While in the car we got a call from the power corp - can we house 9 guys coming in from Bangor, Maine and open up the restaurant to feed them .....Dinner at 9PM, Breakfast at 5:30AM and a boxed lunch each morning?

So, dropped off Tris, figured out what to feed them, then loaded the van up with supplies and back to Tata. Organized housekeeping to clean rooms and staff to cook meals by the cell phone. 

they stayed three nights - so my day was up at 4:30AM set tables and make coffee, print off the weather report, serve breakfast to the 9 guys, finish bagging up the sandwiches fruit and drinks for the crew so their lunches are ready to pick up by the time they finish breakfast. Cook came back at 5PM to get the Dinners ready.

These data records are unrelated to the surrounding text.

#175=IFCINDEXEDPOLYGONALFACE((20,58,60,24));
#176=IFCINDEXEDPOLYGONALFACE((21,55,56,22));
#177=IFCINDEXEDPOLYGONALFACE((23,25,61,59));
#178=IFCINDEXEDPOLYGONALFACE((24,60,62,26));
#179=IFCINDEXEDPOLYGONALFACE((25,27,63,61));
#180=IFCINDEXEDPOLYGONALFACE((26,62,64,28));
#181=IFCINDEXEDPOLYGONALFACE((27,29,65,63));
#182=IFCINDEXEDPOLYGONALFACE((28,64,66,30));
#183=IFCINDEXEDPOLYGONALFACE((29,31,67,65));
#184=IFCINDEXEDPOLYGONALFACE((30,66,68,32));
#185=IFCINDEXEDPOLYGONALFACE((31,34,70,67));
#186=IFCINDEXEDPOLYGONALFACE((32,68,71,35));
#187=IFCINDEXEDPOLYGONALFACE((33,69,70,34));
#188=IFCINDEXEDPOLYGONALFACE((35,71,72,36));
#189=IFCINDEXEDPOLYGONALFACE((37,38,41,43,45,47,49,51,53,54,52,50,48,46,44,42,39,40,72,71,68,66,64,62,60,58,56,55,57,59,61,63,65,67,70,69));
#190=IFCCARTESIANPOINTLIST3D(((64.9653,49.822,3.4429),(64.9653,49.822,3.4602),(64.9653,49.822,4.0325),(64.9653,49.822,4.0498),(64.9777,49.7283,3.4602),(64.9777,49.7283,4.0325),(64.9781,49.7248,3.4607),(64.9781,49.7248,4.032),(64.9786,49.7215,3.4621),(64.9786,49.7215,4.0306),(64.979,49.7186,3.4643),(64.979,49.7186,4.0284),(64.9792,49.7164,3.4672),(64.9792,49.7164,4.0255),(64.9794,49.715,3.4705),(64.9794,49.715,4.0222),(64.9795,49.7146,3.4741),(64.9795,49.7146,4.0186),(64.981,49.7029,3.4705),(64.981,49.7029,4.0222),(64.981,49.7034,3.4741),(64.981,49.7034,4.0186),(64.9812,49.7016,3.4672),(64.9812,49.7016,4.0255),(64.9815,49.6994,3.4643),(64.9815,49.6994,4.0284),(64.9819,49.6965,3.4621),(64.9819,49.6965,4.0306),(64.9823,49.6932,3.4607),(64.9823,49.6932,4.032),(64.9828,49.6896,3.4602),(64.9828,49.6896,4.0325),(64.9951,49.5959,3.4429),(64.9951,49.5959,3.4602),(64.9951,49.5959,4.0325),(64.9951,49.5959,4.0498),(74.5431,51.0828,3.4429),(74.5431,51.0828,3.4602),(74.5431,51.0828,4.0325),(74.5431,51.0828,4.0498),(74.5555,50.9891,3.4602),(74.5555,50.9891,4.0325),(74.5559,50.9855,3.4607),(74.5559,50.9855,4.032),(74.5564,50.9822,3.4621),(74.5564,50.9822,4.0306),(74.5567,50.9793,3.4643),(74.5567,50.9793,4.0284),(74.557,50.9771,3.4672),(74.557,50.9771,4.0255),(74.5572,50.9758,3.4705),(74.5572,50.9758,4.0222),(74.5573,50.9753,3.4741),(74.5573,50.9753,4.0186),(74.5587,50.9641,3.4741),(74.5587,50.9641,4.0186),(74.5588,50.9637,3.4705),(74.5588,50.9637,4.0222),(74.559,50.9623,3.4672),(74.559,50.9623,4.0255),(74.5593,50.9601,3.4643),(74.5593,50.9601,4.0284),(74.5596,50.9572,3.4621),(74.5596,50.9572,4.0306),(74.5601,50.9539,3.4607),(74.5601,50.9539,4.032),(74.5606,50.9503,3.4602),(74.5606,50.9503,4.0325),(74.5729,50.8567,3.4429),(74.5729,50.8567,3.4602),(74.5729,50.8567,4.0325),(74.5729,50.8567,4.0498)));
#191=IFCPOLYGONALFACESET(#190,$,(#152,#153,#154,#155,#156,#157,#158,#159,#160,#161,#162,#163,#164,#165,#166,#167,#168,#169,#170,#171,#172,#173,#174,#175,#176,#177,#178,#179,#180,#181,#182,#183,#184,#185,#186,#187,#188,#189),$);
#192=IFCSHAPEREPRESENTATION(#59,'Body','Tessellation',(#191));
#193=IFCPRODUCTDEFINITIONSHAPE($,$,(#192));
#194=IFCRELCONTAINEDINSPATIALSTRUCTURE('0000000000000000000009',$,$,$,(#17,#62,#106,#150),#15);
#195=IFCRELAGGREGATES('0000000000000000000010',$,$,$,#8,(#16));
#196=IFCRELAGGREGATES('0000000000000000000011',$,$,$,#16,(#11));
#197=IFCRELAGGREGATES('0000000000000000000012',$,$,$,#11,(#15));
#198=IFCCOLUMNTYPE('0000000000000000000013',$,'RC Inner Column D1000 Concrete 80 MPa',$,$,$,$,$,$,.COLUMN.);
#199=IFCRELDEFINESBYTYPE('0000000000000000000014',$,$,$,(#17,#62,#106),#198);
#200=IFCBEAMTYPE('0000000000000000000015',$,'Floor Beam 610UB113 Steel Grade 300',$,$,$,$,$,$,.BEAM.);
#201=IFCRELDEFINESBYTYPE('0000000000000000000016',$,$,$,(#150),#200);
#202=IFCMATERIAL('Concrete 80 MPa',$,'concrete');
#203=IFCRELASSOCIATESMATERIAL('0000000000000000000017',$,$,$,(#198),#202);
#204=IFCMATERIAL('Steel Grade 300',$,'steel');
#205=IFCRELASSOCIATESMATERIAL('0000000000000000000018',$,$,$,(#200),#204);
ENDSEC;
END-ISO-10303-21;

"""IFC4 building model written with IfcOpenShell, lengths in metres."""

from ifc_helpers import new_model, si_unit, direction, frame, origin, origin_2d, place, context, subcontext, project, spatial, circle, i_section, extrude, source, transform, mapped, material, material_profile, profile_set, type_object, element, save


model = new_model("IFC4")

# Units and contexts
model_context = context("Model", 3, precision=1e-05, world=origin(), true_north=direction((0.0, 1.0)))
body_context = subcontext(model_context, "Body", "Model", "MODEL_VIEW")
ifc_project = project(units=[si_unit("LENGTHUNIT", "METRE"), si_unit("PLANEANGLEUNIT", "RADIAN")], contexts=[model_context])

Served dinner about 8:30 PM each night, then took orders for their boxed lunches and helped make sandwiches until about 11PM. Then off to bed and start again at 4:30 AM.
During the day try to get more supplies, and keep the accounting going without falling asleep at the desk.

A lot of work, but worth it in the end. And hey, my week was better than the guys running the power corp. They had been scheduled to be asking for a rate increase starting Monday morning. Tuesday's editorial cartoon was two guys in suits - one guy's briefcase shows he's the regulator, the other guy's has the power company name. The power company guy is holding a candle and saying " I suppose this isn't a good time to ask for an increase?"

And then, today, I finally get back to my computer to check what's happened this week on tractorforum and I've got to fix my computer. I didn't think I was gone that long.......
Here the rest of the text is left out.